De todo lo necesario de la moda

Estoy harto y aburrido de escuchar críticas a la moda en general. Es cierto que la moda no es nada importante, hasta ahí podíamos llegar. Pero hay tantas otras cosas que no son nada importantes nos rodean todos los días, prestándonos felicidad soluble e instantánea… No es de recibo caer en demonizar la moda cuando Twitter quita peso a la vida política convirtiendo en chiste los grandes dramas del estado de bienestar. Los demonios no están en la pasarela, señores, están en la segunda planta de una entidad bancaria.

La moda es la vía para la creación artística más difundida, popular y mediática de los últimos años. Nunca antes ha tenido tanta repercusión, ni ha ocupado tantas portadas, ni las revistas de tendencias han repleto estanterías en los kioscos. La magnificación de la banalidad no es buena, en absoluto; pero tampoco es tan mala.

Cuando había hambre y plagas la gente salía a la calle a cantar y bailar con los juglares. Tras la guerra civil las bandas de música se fortalecieron y crecieron en número. En 2012, durante una época de crisis acuciante, con un número de parados inasumible por un país industrializado y con el rango de pobreza en aumento, la moda está llamando cada vez más la atención. Los titulares se centran en Balenciaga, en Versace, en McQueen y en Roberto Verino como si un outfit de esas firmas estuviera al alcance de las clases medias. Igual lo que digo es muy obvio y un ejercicio de sensatez capciosa, pero me parece al mismo tiempo ridículo y necesario.

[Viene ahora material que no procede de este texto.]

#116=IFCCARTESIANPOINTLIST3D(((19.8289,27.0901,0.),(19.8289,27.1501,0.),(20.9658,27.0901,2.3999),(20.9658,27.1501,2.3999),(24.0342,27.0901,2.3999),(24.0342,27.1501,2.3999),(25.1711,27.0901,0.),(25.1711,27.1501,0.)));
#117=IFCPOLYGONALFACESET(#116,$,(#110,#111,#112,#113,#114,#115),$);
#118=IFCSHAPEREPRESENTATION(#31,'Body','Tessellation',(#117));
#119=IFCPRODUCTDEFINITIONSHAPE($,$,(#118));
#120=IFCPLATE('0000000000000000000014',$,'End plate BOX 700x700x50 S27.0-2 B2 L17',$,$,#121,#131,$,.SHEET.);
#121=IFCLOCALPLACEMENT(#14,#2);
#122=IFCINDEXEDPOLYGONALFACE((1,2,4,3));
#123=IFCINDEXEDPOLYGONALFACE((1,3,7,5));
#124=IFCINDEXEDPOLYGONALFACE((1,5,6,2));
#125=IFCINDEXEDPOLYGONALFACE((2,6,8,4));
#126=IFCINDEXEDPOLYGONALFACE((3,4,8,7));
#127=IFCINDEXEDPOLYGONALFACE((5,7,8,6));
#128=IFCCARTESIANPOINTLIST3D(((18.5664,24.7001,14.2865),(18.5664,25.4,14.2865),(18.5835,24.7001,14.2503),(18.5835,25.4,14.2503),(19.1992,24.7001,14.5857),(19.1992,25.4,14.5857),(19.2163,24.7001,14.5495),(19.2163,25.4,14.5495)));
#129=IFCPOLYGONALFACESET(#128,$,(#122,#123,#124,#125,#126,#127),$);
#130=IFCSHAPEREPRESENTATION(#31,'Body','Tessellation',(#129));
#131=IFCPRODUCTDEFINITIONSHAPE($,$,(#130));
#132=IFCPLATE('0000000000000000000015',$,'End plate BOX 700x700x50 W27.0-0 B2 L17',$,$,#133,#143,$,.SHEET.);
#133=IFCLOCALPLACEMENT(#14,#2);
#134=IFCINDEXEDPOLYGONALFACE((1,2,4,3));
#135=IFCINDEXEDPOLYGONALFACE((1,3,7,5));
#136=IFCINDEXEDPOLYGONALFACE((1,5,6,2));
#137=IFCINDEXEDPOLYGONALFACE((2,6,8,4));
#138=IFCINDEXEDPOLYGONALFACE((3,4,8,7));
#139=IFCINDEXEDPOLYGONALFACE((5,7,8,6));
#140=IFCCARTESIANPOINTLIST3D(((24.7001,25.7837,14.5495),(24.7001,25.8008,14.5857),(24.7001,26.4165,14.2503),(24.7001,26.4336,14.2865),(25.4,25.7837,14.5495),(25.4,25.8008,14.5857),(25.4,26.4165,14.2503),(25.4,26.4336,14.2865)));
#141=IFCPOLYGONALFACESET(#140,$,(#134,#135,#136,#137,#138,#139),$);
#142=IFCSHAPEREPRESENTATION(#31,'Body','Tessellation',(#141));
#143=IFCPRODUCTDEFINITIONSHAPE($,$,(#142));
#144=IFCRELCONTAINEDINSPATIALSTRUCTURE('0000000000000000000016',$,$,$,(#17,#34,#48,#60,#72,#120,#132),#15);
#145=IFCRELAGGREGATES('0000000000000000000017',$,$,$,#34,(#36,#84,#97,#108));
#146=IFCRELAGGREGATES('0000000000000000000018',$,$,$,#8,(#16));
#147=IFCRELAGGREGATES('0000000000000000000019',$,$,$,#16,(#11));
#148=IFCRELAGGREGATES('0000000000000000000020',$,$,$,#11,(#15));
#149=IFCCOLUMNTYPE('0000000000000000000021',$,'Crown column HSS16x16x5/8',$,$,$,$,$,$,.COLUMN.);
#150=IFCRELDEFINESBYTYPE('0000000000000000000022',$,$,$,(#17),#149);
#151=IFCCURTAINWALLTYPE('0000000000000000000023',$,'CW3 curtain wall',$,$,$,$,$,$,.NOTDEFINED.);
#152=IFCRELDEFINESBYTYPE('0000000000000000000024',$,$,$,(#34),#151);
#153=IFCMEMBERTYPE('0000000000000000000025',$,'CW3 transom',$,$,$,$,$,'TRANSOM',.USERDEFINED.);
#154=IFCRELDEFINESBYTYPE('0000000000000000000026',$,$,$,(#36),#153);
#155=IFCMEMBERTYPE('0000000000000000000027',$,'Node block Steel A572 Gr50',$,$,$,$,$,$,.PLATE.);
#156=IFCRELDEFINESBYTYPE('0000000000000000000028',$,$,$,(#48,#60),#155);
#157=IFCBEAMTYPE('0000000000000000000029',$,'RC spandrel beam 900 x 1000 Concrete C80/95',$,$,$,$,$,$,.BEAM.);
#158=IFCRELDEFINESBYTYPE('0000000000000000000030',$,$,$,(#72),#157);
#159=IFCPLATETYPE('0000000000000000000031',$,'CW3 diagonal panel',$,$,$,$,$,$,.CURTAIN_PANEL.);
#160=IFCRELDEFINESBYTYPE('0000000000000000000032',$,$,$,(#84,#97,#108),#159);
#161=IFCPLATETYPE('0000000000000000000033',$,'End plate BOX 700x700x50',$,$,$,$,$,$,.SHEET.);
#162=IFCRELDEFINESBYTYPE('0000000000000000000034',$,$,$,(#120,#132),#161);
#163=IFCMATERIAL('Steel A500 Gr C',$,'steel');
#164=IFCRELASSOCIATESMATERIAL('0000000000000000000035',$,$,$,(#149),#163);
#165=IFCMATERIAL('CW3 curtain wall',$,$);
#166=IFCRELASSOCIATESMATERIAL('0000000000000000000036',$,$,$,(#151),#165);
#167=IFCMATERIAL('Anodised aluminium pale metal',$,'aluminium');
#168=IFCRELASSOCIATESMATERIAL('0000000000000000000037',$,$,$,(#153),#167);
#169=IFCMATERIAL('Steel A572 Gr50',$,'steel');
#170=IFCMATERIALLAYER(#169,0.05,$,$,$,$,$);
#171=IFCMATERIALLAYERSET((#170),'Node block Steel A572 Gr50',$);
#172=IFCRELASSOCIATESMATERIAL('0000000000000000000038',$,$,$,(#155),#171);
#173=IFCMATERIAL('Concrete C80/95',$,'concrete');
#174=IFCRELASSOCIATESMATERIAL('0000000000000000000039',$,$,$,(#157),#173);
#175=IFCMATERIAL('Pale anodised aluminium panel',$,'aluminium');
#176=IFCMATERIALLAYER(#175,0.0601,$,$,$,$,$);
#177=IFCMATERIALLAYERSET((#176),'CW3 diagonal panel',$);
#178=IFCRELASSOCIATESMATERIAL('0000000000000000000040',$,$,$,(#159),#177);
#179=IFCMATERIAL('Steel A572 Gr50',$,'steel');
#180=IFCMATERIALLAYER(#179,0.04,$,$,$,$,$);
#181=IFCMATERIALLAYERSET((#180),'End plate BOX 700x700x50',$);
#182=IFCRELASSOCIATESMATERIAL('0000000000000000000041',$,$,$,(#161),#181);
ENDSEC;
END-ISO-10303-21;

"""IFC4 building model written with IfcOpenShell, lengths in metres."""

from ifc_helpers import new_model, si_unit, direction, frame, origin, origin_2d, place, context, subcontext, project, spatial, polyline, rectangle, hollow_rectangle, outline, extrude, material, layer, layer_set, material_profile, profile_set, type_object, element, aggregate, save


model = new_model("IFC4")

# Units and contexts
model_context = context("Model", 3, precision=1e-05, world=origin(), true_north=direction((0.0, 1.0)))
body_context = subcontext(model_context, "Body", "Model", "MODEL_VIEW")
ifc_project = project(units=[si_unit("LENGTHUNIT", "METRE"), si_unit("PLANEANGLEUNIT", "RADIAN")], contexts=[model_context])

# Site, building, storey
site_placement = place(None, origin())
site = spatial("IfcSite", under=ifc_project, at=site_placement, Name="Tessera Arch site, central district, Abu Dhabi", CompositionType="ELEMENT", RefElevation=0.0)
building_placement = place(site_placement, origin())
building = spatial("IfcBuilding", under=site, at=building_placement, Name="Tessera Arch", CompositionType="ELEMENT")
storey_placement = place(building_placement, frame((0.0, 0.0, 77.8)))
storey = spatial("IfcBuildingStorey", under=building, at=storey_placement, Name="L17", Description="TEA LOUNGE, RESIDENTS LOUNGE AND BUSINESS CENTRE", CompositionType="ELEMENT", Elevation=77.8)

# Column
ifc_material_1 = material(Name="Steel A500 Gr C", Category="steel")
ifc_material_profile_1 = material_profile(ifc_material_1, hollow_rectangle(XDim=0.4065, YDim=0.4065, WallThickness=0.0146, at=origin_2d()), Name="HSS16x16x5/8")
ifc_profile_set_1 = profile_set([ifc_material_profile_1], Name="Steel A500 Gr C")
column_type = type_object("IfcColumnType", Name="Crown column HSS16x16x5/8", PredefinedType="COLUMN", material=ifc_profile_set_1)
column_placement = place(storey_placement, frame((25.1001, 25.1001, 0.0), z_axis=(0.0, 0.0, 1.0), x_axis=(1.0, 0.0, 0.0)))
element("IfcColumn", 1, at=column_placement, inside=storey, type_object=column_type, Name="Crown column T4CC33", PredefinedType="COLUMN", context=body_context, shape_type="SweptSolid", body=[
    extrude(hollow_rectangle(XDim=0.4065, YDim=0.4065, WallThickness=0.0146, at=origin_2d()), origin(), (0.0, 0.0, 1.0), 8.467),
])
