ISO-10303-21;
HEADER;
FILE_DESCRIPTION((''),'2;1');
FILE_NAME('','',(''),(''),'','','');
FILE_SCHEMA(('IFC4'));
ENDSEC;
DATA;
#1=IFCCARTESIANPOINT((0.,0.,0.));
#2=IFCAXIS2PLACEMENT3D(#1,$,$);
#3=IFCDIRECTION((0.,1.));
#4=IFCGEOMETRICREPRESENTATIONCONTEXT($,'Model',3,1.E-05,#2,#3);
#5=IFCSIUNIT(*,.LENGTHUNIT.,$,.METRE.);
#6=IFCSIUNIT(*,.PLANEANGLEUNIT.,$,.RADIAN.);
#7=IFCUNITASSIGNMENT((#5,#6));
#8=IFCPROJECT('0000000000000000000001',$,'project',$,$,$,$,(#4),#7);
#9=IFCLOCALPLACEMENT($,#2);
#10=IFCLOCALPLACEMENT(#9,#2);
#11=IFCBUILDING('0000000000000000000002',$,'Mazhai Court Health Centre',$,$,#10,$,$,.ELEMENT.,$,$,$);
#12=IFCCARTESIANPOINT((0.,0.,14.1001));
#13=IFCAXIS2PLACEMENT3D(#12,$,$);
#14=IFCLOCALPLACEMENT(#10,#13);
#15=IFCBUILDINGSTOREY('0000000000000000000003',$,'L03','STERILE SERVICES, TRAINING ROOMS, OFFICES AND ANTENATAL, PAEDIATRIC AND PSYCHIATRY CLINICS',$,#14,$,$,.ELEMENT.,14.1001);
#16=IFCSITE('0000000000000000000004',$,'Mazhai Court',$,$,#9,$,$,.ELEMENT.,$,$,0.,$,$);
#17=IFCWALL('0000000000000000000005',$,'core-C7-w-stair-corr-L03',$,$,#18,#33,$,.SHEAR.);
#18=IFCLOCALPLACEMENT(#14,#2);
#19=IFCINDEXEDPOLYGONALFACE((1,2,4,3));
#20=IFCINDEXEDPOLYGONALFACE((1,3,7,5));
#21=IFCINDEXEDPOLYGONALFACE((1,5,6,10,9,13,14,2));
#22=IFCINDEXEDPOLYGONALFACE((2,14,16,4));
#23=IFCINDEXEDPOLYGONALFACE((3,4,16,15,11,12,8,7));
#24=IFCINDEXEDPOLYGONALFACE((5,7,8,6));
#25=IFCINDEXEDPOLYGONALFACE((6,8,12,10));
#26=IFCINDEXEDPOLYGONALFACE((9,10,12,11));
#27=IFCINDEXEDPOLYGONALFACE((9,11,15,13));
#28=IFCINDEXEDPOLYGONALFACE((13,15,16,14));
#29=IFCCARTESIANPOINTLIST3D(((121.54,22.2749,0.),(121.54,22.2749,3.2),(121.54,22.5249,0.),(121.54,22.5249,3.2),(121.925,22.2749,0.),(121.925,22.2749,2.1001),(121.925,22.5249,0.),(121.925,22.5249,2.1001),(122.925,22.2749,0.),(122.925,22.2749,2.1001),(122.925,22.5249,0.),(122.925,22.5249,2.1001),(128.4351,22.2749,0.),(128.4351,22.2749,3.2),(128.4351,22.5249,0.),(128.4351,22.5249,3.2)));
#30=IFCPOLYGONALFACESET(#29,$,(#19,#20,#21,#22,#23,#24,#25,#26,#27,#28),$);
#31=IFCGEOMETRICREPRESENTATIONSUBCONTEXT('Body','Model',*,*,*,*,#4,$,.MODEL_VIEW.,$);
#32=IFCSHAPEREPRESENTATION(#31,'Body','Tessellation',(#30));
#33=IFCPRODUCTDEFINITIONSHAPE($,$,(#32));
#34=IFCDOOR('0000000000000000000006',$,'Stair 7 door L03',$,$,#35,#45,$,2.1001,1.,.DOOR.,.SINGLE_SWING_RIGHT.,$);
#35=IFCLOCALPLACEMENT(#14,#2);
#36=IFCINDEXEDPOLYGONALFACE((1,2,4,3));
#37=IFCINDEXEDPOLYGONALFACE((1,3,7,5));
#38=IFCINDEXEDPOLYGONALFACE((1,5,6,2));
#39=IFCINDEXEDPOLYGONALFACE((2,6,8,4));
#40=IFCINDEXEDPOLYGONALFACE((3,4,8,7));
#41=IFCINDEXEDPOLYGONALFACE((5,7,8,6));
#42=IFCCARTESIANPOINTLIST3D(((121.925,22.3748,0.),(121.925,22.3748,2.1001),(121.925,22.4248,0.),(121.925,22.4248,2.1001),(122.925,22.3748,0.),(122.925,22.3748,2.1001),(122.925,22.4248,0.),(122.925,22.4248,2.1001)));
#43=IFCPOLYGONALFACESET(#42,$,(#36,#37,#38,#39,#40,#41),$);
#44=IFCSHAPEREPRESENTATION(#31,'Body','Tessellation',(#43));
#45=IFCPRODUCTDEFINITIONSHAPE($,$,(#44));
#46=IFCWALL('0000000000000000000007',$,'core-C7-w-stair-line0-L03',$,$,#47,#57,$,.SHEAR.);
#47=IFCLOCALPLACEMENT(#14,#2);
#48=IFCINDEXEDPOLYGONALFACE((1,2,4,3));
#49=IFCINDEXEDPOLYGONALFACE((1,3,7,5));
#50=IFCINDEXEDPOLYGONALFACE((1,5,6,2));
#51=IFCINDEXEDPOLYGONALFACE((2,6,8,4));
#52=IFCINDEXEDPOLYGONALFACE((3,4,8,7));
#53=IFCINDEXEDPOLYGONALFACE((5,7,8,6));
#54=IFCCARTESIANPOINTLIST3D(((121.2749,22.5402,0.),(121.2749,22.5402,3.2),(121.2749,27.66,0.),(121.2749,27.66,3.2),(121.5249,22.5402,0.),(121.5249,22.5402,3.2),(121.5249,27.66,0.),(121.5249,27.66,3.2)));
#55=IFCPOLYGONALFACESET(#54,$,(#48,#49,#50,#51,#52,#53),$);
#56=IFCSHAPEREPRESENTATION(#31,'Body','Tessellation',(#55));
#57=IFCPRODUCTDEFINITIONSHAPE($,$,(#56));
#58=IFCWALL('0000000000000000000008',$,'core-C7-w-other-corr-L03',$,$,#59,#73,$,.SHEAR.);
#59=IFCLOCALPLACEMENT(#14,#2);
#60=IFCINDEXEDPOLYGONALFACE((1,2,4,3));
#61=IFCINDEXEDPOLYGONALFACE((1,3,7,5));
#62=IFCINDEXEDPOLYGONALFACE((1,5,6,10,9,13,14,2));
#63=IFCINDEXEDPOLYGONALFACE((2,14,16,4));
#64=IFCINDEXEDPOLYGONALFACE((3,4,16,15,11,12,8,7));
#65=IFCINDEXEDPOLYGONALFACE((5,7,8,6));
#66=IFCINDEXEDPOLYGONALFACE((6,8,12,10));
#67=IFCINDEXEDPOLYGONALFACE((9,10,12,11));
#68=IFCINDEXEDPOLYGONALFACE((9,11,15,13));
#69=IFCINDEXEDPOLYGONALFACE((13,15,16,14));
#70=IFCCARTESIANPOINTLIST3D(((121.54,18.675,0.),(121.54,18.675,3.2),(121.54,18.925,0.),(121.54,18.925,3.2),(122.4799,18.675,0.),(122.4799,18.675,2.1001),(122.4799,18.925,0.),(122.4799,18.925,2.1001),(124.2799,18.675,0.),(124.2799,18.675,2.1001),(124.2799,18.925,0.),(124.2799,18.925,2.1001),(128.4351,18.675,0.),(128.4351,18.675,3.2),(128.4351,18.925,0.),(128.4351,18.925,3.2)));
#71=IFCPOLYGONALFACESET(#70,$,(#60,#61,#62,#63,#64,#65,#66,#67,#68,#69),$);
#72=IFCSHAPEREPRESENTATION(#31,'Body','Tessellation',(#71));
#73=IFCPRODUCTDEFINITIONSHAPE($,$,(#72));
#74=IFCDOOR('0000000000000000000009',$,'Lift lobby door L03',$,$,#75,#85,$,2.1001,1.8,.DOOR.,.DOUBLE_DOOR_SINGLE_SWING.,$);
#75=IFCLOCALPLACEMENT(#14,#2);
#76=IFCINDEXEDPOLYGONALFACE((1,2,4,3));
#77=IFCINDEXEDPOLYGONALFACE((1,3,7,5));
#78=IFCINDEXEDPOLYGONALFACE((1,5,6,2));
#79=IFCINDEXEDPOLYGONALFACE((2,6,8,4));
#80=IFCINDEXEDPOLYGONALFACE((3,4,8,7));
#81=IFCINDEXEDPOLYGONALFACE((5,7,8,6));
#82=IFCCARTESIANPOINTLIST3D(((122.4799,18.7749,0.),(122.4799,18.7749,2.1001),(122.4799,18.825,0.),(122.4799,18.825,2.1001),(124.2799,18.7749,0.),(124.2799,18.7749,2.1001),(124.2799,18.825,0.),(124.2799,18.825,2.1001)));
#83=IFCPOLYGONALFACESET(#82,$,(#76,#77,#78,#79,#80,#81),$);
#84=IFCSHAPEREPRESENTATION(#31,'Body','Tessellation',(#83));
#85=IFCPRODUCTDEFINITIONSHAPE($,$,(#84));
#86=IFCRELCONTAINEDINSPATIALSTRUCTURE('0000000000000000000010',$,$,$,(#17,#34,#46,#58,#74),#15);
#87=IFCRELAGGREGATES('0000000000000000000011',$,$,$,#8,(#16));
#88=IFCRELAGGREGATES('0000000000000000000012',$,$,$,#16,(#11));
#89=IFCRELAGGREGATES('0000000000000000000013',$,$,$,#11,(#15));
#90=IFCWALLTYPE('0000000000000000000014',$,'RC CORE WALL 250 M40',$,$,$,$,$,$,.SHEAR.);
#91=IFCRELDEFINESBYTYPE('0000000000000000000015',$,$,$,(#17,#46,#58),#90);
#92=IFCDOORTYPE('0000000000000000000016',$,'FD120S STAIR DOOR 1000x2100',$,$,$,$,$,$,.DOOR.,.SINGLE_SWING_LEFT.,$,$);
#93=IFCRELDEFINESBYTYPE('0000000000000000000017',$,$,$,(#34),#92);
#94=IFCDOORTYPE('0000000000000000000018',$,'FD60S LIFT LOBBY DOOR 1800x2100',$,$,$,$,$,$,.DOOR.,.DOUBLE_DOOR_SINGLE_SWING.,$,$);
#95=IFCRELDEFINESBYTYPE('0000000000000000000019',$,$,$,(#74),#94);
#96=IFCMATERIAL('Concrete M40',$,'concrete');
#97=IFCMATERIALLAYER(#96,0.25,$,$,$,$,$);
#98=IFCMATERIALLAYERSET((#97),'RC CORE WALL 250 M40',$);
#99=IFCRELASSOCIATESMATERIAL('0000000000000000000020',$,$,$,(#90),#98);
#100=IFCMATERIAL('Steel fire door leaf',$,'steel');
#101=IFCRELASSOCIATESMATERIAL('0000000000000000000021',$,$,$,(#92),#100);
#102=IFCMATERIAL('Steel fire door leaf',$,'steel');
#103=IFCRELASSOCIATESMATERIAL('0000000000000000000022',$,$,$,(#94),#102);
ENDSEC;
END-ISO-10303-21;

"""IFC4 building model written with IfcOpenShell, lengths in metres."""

from ifc_helpers import new_model, si_unit, direction, frame, frame_2d, origin, place, context, subcontext, project, spatial, rectangle, extrude, material, layer, layer_set, type_object, element, fill, save


model = new_model("IFC4")

# Units and contexts
model_context = context("Model", 3, precision=1e-05, world=origin(), true_north=direction((0.0, 1.0)))
body_context = subcontext(model_context, "Body", "Model", "MODEL_VIEW")
ifc_project = project(units=[si_unit("LENGTHUNIT", "METRE"), si_unit("PLANEANGLEUNIT", "RADIAN")], contexts=[model_context])

# Site, building, storey
site_placement = place(None, origin())
site = spatial("IfcSite", under=ifc_project, at=site_placement, Name="Mazhai Court", CompositionType="ELEMENT", RefElevation=0.0)
building_placement = place(site_placement, origin())
building = spatial("IfcBuilding", under=site, at=building_placement, Name="Mazhai Court Health Centre", CompositionType="ELEMENT")
storey_placement = place(building_placement, frame((0.0, 0.0, 14.1001)))
storey = spatial("IfcBuildingStorey", under=building, at=storey_placement, Name="L03", Description="STERILE SERVICES, TRAINING ROOMS, OFFICES AND ANTENATAL, PAEDIATRIC AND PSYCHIATRY CLINICS", CompositionType="ELEMENT", Elevation=14.1001)

# Wall, opening, door
ifc_material_1 = material(Name="Concrete M40", Category="concrete")
ifc_layer_1 = layer(ifc_material_1, 0.25)
ifc_layer_set_1 = layer_set([ifc_layer_1], Name="RC CORE WALL 250 M40")
wall_type_1 = type_object("IfcWallType", Name="RC CORE WALL 250 M40", PredefinedType="SHEAR", material=ifc_layer_set_1)
wall_1_placement = place(storey_placement, frame((121.54, 22.3999, 0.0), z_axis=(0.0, 0.0, 1.0), x_axis=(1.0, 0.0, 0.0)))
wall_1 = element("IfcWall", 1, at=wall_1_placement, inside=storey, type_object=wall_type_1, Name="core-C7-w-stair-corr-L03", PredefinedType="SHEAR", context=body_context, shape_type="SweptSolid", body=[
    extrude(rectangle(XDim=6.895, YDim=0.25, at=frame_2d((3.4475, 0.0))), origin(), (0.0, 0.0, 1.0), 3.2),
])
opening_1_placement = place(wall_1_placement, frame((0.385, 0.0, 0.0)))
opening_1 = element("IfcOpeningElement", 2, at=opening_1_placement, cuts=wall_1, PredefinedType="OPENING", context=body_context, shape_type="SweptSolid", body=[
    extrude(rectangle(XDim=1.0, YDim=2.1001, at=frame_2d((0.5, 1.05))), frame((0.0, 0.135, 0.0), z_axis=(0.0, -1.0, 0.0), x_axis=(1.0, 0.0, 0.0)), (0.0, 0.0, 1.0), 0.27),
])
ifc_material_2 = material(Name="Steel fire door leaf", Category="steel")
door_type_1 = type_object("IfcDoorType", Name="FD120S STAIR DOOR 1000x2100", OperationType="SINGLE_SWING_LEFT", PredefinedType="DOOR", material=ifc_material_2)
door_1_placement = place(opening_1_placement, origin())
door_1 = element("IfcDoor", 3, at=door_1_placement, inside=storey, type_object=door_type_1, Name="Stair 7 door L03", OperationType="SINGLE_SWING_RIGHT", OverallHeight=2.1001, OverallWidth=1.0, PredefinedType="DOOR", context=body_context, shape_type="SweptSolid", body=[
    extrude(rectangle(XDim=1.0, YDim=2.1001, at=frame_2d((0.5, 1.05))), frame((0.0, 0.0249, 0.0), z_axis=(0.0, -1.0, 0.0), x_axis=(1.0, 0.0, 0.0)), (0.0, 0.0, 1.0), 0.05),
])
fill(opening_1, door_1)

# Wall
wall_2_placement = place(storey_placement, frame((121.3999, 22.54, 0.0), z_axis=(0.0, 0.0, 1.0), x_axis=(0.0, 1.0, 0.0)))
element("IfcWall", 4, at=wall_2_placement, inside=storey, type_object=wall_type_1, Name="core-C7-w-stair-line0-L03", PredefinedType="SHEAR", context=body_context, shape_type="SweptSolid", body=[
    extrude(rectangle(XDim=5.1199, YDim=0.25, at=frame_2d((2.5601, 0.0))), origin(), (0.0, 0.0, 1.0), 3.2),
])

# Wall, opening, door
wall_3_placement = place(storey_placement, frame((121.54, 18.8, 0.0), z_axis=(0.0, 0.0, 1.0), x_axis=(1.0, 0.0, 0.0)))
wall_3 = element("IfcWall", 5, at=wall_3_placement, inside=storey, type_object=wall_type_1, Name="core-C7-w-other-corr-L03", PredefinedType="SHEAR", context=body_context, shape_type="SweptSolid", body=[
    extrude(rectangle(XDim=6.895, YDim=0.25, at=frame_2d((3.4475, 0.0))), origin(), (0.0, 0.0, 1.0), 3.2),
])
opening_2_placement = place(wall_3_placement, frame((0.9399, 0.0, 0.0)))
opening_2 = element("IfcOpeningElement", 6, at=opening_2_placement, cuts=wall_3, PredefinedType="OPENING", context=body_context, shape_type="SweptSolid", body=[
    extrude(rectangle(XDim=1.8, YDim=2.1001, at=frame_2d((0.8999, 1.05))), frame((0.0, 0.135, 0.0), z_axis=(0.0, -1.0, 0.0), x_axis=(1.0, 0.0, 0.0)), (0.0, 0.0, 1.0), 0.27),
])
ifc_material_3 = material(Name="Steel fire door leaf", Category="steel")
door_type_2 = type_object("IfcDoorType", Name="FD60S LIFT LOBBY DOOR 1800x2100", OperationType="DOUBLE_DOOR_SINGLE_SWING", PredefinedType="DOOR", material=ifc_material_3)
door_2_placement = place(opening_2_placement, origin())
door_2 = element("IfcDoor", 7, at=door_2_placement, inside=storey, type_object=door_type_2, Name="Lift lobby door L03", OperationType="DOUBLE_DOOR_SINGLE_SWING", OverallHeight=2.1001, OverallWidth=1.8, PredefinedType="DOOR", context=body_context, shape_type="SweptSolid", body=[
    extrude(rectangle(XDim=1.8, YDim=2.1001, at=frame_2d((0.8999, 1.05))), frame((0.0, 0.0249, 0.0), z_axis=(0.0, -1.0, 0.0), x_axis=(1.0, 0.0, 0.0)), (0.0, 0.0, 1.0), 0.05),
])
fill(opening_2, door_2)

save(model, "model.ifc")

No puedo disimular la burla cuando veo proliferar el número de blogueros y blogueras de moda que se desesperan por la llegada de las nuevas colecciones de las grandes firmas, como si alguno de ellos pudiera vestir unos pantalones de Margiela y unos botines de Dior o Leboutin. Escriben desde habitaciones de un piso compartido en Madrid o Albacete, diseñando en internet una fachada perfecta para un modelo de vida que esta casualidad de sociedad les ha impedido realizar con éxito. Se consideran importantes por conseguir invitación para cuatro desfiles de la semana de la moda. El paro juvenil supera ya el 45% en nuestro país. Y sin embargo, entre la juventud, Prada y D&G cada día están más presentes.

La sociedad de clases dicen que se acabó. El fenómeno de los nuevos ricos se hundió con la crisis. Pero cada día nos vemos más obligados a echarle ficción a una rutina de deseos por encima de nuestras posibilidades. Si los ricos también lloran, no digamos de los pobres.

Moda y arte. James Long, London FW F/W 2012.

Moda y arte. Versace, París FW F/W 2012.